Jason Liu argued on X on July 12 that GPT-5.6 Sol is underrated for work outside of coding, pointing to long-running tasks across apps, browsers, and enterprise data as the model’s real strength. The claim cuts against the dominant way AI capability gets measured in public, which is coding benchmarks, because those are cheap to score and easy to summarize in a headline. If Liu is right, the industry’s leaderboard obsession may be measuring the wrong slice of the job.
Coding benchmarks exist because coding has a clean pass or fail signal: a test suite runs, or it does not. Long-horizon knowledge work, the kind Liu describes, such as configuring a workflow inside an enterprise app, supervising a multi-step process, or reasoning across an extended browser session, has no equivalent scorecard. That absence does not mean the capability is not real. It means nobody has built the instrument to measure it, and the labs racing to publish new benchmarks each month have little reason to fund one that would slow their own launch cycle.

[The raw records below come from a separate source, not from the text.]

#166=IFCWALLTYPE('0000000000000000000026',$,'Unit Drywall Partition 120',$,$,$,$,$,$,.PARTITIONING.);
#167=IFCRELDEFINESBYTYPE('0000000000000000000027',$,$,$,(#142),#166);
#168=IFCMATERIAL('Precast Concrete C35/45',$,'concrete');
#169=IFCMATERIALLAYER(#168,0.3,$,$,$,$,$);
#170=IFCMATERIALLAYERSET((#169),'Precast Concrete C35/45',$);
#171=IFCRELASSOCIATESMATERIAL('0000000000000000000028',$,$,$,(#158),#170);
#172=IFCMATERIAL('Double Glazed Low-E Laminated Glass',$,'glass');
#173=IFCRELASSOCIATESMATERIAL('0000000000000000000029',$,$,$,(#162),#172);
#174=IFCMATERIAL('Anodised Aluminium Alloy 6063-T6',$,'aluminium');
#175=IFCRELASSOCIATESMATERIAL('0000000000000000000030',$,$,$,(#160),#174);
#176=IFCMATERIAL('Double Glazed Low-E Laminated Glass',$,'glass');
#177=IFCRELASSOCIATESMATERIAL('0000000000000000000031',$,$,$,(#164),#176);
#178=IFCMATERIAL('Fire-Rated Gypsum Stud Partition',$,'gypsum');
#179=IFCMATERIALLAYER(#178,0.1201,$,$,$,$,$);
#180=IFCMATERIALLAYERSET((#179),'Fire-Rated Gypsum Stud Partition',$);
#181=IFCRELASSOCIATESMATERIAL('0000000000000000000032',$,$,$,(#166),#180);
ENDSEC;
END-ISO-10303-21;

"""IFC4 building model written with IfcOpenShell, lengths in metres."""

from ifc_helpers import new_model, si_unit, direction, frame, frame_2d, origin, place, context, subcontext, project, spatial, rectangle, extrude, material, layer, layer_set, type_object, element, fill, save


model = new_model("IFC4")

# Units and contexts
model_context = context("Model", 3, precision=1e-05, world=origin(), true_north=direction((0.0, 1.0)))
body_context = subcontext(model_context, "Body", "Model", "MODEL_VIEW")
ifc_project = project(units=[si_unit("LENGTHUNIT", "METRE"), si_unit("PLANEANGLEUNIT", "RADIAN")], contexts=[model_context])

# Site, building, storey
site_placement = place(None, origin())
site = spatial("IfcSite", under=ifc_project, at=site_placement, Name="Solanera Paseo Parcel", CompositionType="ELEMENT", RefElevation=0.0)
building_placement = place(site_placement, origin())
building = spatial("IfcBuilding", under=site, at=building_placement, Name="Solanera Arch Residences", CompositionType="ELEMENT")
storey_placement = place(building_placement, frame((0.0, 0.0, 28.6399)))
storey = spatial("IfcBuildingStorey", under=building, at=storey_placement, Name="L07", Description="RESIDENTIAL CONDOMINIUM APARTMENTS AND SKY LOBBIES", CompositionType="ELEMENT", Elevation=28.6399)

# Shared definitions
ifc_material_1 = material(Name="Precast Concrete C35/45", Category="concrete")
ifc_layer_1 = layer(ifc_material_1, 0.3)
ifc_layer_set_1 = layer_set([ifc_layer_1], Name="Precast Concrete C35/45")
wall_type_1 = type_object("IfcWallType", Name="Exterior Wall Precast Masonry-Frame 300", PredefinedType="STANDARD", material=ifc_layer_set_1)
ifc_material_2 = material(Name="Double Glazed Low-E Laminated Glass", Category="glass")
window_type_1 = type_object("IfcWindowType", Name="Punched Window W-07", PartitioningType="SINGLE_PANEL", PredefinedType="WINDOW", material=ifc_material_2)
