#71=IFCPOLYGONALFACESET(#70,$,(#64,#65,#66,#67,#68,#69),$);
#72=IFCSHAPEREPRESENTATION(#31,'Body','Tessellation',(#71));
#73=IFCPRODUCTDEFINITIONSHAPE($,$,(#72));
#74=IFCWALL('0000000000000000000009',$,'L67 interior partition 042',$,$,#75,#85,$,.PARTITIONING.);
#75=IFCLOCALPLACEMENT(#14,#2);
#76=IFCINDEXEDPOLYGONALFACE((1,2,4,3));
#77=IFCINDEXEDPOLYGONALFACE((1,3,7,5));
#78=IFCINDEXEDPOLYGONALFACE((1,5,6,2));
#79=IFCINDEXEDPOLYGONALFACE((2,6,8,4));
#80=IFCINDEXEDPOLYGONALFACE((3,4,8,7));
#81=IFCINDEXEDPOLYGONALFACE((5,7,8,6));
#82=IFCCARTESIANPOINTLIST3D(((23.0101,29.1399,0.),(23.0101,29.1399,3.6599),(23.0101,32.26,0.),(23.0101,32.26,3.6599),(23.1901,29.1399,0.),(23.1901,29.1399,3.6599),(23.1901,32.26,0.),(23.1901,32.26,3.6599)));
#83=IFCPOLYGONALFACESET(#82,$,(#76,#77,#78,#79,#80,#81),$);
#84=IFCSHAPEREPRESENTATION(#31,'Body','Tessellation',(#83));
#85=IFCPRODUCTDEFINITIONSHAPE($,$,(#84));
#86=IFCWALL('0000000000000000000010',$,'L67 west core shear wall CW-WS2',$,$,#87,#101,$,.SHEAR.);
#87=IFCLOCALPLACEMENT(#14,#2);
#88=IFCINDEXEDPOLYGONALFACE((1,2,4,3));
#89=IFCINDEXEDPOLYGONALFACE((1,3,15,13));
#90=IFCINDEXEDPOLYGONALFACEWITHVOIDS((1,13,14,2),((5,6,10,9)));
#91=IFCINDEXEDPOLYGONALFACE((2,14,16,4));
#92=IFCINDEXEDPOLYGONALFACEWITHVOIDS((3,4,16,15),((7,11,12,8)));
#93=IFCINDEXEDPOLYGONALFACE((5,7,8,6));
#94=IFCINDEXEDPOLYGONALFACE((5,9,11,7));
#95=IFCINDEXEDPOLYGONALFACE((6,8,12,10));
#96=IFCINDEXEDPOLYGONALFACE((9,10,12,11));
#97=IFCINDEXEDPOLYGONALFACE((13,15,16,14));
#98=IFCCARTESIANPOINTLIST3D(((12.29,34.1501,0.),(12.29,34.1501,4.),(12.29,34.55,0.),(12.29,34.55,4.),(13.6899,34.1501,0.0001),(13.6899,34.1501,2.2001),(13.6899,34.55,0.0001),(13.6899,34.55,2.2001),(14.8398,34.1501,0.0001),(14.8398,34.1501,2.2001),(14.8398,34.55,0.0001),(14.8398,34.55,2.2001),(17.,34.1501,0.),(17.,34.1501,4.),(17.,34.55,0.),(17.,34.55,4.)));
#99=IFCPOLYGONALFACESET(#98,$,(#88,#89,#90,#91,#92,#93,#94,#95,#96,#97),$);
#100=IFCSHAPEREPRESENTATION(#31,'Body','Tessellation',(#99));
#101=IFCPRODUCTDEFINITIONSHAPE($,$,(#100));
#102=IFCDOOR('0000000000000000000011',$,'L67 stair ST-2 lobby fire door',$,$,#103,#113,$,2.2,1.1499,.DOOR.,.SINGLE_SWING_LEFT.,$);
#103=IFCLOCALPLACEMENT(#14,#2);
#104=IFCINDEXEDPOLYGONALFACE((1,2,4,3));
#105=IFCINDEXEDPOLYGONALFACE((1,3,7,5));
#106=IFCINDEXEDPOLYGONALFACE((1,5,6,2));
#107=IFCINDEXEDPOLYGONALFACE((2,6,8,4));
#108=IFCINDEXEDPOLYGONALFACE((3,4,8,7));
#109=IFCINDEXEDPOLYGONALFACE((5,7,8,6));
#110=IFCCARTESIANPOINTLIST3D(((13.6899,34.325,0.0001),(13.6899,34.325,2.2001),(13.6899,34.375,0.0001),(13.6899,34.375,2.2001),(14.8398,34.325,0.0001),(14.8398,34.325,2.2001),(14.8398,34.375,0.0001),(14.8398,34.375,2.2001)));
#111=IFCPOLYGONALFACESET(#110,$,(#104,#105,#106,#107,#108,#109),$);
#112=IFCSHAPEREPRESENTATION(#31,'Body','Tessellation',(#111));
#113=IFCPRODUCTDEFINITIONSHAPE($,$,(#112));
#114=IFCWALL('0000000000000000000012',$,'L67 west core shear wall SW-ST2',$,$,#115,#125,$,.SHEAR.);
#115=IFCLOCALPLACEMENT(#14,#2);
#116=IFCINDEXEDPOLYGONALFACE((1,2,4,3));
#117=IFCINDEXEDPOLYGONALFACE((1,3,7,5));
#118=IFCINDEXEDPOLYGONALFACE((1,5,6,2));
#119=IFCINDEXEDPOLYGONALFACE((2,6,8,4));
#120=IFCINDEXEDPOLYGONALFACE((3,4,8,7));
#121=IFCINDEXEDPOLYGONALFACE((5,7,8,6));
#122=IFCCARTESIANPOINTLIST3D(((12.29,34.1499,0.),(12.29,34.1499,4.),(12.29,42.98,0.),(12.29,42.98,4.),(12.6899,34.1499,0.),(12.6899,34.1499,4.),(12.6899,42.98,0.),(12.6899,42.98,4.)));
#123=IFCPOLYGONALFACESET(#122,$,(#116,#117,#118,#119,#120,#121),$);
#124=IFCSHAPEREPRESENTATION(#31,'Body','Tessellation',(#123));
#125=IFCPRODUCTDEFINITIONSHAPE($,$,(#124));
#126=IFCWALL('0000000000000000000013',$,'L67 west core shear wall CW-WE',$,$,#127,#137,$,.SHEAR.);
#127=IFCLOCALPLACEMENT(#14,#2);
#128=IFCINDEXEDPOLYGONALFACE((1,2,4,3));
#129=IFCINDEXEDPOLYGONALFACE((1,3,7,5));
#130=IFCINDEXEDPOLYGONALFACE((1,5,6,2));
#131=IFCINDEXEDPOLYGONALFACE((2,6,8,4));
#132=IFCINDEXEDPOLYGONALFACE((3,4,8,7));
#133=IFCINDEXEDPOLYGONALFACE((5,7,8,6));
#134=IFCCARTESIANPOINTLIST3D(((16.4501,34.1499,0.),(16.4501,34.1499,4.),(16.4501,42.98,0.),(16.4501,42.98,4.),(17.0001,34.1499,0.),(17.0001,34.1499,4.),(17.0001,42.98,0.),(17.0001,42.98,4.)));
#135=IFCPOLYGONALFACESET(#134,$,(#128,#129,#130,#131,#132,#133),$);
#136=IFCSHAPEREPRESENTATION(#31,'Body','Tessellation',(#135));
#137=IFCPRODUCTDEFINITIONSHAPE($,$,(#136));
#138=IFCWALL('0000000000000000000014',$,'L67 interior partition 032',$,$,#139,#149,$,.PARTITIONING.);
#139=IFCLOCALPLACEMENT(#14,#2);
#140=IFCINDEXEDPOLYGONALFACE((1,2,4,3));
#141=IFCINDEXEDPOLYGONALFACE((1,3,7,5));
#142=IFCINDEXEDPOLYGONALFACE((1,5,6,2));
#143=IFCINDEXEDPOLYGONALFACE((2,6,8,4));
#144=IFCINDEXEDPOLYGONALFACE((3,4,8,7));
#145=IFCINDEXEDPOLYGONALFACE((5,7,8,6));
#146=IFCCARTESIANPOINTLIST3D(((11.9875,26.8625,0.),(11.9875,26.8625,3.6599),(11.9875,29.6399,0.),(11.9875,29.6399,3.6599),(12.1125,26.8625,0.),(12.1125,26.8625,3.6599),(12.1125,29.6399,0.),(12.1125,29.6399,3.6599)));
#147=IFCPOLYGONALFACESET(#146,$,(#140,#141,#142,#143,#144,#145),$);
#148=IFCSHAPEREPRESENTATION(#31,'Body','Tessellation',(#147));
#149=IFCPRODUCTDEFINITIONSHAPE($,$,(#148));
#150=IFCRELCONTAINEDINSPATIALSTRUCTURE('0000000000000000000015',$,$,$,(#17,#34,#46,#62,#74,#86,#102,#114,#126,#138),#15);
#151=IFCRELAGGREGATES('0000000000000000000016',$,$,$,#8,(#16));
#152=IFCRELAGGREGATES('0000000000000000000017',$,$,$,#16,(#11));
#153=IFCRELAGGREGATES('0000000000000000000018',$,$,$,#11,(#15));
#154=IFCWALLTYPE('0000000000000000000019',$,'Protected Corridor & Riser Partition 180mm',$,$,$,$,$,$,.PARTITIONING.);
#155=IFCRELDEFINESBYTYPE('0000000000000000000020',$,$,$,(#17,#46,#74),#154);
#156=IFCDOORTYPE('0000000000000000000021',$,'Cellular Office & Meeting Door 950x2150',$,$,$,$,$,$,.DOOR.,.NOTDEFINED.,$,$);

This is a real structural gap, not a minor one. Software engineering tasks are overrepresented in public evals partly because they are easy to grade automatically, which means models get tuned toward what is measurable. A model that quietly handles a week-long enterprise workflow without dropping context could be genuinely undervalued by a discourse built around SWE-bench scores and coding leaderboards. Liu’s underlying observation deserves to be taken seriously on those terms.
The specific evidence Liu offers is weaker than the observation. He says internal teams used GPT-5.6 Sol to configure and supervise the training of a system he calls Luna. That is a claim about how a team used a tool internally, not an independent evaluation with a control group or a published task set. It reads closer to a testimonial than a benchmark, and testimonials from people close to a product’s success are among the least surprising endorsements in AI right now.
Liu also points to Ultra mode, which he says adds sub-agents that parallelize pieces of a complex task for faster, stronger results. That architecture detail is worth examining on its own terms, separate from who is praising it. Sub-agent orchestration is the direction most frontier labs are already moving, because a single long context window still degrades in quality the longer a task runs, and splitting work across coordinated sub-agents is one of the few approaches that has shown consistent gains on multi-step problems.
None of this is evidence to import wholesale. A post from one practitioner, however well-informed, is not a substitute for a benchmark, and “we used the model to supervise our own model’s training” is a claim about internal usage that nobody outside the company can check. It should be read as a hypothesis worth testing, not a verdict already reached.
The useful move for an operator is neither hype nor dismissal: build a long-horizon task evaluation that scores a real multi-step workflow spanning apps, a browser, and internal data, then run GPT-5.6 Sol against whatever model currently sits in your stack. If it holds up under your own numbers, you will have found signal that the coding leaderboards were never designed to surface.
Based on a post by Jason Liu on X, July 12, 2026.